St Paulus Primary School Geotrail



Within Pretoria there are three parallel, east-to-west ridge formations. One of these, the Daspoort ridge formation, runs from the Daspoort Tunnel and through the St Paulus grounds. It continues for another 240 km into Mpumalanga province and ends at Waterval-Boven. St Paulus School is built on the northern slope of a koppie composed of Daspoort quartzite. How did this kind of rock get here? Let’s find out!

Many thousands of years ago, a big river system ran from mountains through here into the sea (Fig 1). Granite Mountains weathered down to form blocks of rock called boulders that were washed down rivers. As these boulders moved over long distances, they would roll and grind against each other and became smaller and smoother like pebbles. Eventually these pebbles became sand grains. Closer to the river mouth, the sand started to sink to the river bed to form sand beds. Shallower muds (clay, mineral and fine soil mixture) and iron-rich silts (very fine, slimy soil) would also sink to the bottom on top of the sand beds. As the sand became deeply buried, it hardened into sandstone. Later the sandstone was buried so deeply that the sand grains cemented together under heat and pressure to form a very hard, glassy rock called quartzite.

Figure 1:          Formation of quartzite beds in ancient rivers

Various types of rock layers were buried at great depth (about 10 to 30 km below surface) where processes and pressures deep in the earth’s crust started to bend and deform the layers by folding them (Fig 2). The rock layers started to break forming cracks. These cracks or fracture are called joints. They opened up inside the rock and were usually filled by silica fluids called quartz. These fluids crystallized in the joints to form quartz veins. When the rock beds could no longer bend, they snapped along the joints and moved over or up or down past each other. This process is called faulting.

Figure 2:          Rock layers and beds being deformed by folding.

When the faulting happened, fiery molten rock called igneous rock was forced and squeezed in between the different rock layers in the earth’s crust. The molten rock cooled down and formed diorite sills, also called diabase sills.  These sills were cutting across the rock layers and made it look like the filling of a sandwich. At that point, we had folded deformed layers of sedimentary rock consisting of quartzites, siltstones, mudstones, ironstones, shales, dolomites and diorites. These mixed-up layers were again pushed upwards towards the surface, and tilted so that the rock beds here at St Paulus dip towards the north. The beds continued to be fractured causing the rocks to crumble and melt into breccia (jigsaw-like fragments of broken-up rock) alongside the fault. Mineral-rich igneous fluids filled the fault zone and fault breccias.  The breccias, diorites, siltstones, mudstones and shales are softer rock and erode more easily than quartzites. This is why we see the parallel ridges, hills and valleys in the Pretoria and Tshwane area (Fig 3).

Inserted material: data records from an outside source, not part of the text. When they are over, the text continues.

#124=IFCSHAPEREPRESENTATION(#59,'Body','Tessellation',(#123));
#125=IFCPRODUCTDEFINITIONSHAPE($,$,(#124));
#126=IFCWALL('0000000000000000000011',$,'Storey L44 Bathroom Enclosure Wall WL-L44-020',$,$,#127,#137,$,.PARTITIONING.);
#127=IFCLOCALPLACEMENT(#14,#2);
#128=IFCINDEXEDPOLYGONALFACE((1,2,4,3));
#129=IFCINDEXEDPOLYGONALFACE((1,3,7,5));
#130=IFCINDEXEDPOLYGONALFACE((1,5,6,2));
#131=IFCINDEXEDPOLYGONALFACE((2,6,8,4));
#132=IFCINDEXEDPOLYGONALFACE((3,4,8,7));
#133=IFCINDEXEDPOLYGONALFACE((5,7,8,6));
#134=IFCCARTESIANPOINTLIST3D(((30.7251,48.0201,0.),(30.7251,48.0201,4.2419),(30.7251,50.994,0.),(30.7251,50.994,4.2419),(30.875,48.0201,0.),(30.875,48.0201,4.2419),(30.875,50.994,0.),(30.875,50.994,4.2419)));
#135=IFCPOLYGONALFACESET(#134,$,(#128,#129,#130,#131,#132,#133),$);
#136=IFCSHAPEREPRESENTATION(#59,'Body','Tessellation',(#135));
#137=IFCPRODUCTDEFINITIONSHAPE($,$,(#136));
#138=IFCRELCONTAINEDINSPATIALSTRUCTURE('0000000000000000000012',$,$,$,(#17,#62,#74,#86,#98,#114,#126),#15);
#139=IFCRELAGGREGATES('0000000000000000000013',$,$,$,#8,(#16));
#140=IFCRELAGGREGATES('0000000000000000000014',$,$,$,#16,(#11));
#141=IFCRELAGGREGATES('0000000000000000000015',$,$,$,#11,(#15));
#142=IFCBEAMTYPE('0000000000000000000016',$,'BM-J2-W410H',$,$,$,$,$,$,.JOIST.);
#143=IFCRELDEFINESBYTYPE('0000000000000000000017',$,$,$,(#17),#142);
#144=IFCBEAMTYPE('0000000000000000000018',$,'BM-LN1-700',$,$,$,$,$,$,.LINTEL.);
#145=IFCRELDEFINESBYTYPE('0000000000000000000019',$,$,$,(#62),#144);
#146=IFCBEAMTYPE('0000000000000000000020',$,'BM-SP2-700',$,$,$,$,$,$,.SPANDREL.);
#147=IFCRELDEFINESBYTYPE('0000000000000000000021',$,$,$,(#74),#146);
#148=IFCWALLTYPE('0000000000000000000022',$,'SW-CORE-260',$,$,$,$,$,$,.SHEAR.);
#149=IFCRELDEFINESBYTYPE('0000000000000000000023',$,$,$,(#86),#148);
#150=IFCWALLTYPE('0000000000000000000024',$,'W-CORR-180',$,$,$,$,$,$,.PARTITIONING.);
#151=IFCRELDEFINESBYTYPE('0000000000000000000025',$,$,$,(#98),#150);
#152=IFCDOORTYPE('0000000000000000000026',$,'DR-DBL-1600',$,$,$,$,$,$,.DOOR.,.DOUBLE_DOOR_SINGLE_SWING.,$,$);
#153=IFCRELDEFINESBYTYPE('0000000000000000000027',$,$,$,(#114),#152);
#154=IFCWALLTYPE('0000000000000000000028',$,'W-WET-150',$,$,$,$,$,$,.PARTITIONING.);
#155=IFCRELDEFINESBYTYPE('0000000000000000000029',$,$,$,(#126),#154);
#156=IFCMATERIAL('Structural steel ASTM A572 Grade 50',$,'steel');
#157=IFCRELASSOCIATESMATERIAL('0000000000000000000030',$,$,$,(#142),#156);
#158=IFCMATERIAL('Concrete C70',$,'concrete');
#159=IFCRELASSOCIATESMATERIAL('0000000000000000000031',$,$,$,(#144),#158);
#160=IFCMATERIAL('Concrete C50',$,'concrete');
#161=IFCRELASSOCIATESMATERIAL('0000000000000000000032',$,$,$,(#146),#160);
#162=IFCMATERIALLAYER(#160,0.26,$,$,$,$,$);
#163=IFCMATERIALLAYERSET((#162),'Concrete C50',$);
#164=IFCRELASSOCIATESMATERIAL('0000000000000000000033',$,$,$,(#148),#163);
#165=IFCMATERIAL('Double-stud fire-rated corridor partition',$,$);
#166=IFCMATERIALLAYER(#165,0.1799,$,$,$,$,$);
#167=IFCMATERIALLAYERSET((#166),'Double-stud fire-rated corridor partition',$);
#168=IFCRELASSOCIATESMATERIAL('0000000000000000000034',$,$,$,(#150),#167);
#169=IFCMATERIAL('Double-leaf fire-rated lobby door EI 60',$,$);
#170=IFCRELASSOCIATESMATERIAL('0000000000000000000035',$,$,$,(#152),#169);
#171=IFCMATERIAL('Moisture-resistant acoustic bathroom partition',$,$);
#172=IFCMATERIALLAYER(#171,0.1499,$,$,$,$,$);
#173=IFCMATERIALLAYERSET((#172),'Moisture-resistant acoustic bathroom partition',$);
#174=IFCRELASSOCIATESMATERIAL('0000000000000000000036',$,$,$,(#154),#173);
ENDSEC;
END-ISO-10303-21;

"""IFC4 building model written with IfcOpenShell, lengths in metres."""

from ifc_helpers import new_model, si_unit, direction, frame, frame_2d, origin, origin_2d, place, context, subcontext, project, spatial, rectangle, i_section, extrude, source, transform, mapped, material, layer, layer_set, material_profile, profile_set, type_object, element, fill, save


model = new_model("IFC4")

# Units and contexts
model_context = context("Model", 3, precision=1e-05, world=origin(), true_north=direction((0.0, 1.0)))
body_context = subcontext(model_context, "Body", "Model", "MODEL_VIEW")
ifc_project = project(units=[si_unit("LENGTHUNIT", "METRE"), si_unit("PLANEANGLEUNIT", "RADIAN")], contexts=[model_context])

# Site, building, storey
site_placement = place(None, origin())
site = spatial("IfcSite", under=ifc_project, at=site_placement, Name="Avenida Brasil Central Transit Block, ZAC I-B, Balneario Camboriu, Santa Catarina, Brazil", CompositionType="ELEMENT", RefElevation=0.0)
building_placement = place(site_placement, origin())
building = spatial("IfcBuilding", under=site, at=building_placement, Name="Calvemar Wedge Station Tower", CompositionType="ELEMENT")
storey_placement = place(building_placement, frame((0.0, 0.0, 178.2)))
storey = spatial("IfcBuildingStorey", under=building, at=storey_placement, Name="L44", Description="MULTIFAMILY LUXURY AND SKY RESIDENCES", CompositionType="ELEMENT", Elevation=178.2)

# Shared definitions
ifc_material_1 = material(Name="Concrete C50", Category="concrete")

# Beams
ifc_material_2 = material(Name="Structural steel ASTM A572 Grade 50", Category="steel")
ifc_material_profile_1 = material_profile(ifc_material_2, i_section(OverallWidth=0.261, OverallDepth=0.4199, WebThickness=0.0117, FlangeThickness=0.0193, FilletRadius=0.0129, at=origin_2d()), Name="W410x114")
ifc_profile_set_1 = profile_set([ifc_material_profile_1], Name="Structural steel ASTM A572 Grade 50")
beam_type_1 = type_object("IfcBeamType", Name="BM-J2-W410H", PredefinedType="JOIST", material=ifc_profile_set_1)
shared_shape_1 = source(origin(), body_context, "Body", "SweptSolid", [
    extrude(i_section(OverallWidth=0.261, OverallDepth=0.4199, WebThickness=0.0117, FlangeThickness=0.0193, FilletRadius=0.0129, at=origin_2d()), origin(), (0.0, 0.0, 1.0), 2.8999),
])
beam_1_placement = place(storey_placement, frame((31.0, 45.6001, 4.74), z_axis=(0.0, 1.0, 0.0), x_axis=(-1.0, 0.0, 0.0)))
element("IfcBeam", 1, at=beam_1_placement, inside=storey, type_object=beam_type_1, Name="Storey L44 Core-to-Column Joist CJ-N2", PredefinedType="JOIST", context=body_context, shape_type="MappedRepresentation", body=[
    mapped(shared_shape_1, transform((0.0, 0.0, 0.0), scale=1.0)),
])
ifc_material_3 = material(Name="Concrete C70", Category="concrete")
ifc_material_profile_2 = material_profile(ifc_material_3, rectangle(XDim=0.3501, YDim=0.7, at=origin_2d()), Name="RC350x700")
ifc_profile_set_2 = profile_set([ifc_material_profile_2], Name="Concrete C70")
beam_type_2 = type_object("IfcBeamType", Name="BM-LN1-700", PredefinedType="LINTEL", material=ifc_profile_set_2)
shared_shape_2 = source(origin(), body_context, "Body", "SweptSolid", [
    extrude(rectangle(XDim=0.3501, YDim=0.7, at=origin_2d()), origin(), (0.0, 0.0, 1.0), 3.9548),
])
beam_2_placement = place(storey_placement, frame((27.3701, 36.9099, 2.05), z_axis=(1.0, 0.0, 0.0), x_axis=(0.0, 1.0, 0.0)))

Figure 3:          Several fault zones run through the area. The alignment of the various rock layers is disturbed because of faulting.

Figure 3 also shows shearing zones. Shearing is another form of rock-layer movement, where rock plates slide past each other, also causing the formation of breccias. In the St Paulus area, the shearing happened long before the faulting.  Whenever shearing or faulting takes place, an earthquake will follow. Two shearing zones and one fault zone is running through the St Paulus school grounds. Fortunately, these zones are stable and no earthquakes should occur for many hundred years to come! Fault and shearing zones are rich in minerals and trees like to grow there. It is at these areas that we also find the commercial mines: let’s start digging for gold!

The geological trail reveals what the rocks tell us about long ago events that created the landscape and grounds of the School.



Along the trail there are 23 sites of geological interest. At each point there is extra information that explains the very interesting geological features and rock formations you are looking at. For example, at the north-western part of the trail you can read about the existence of a volcano in this area long before the visible sedimentary rock layers and soils were formed.

The geotrail was an initiative of the Grade 7 Environmental Committee of 2013.
It was developed with the assistance of an experienced geologist, Mr Tony Jamison.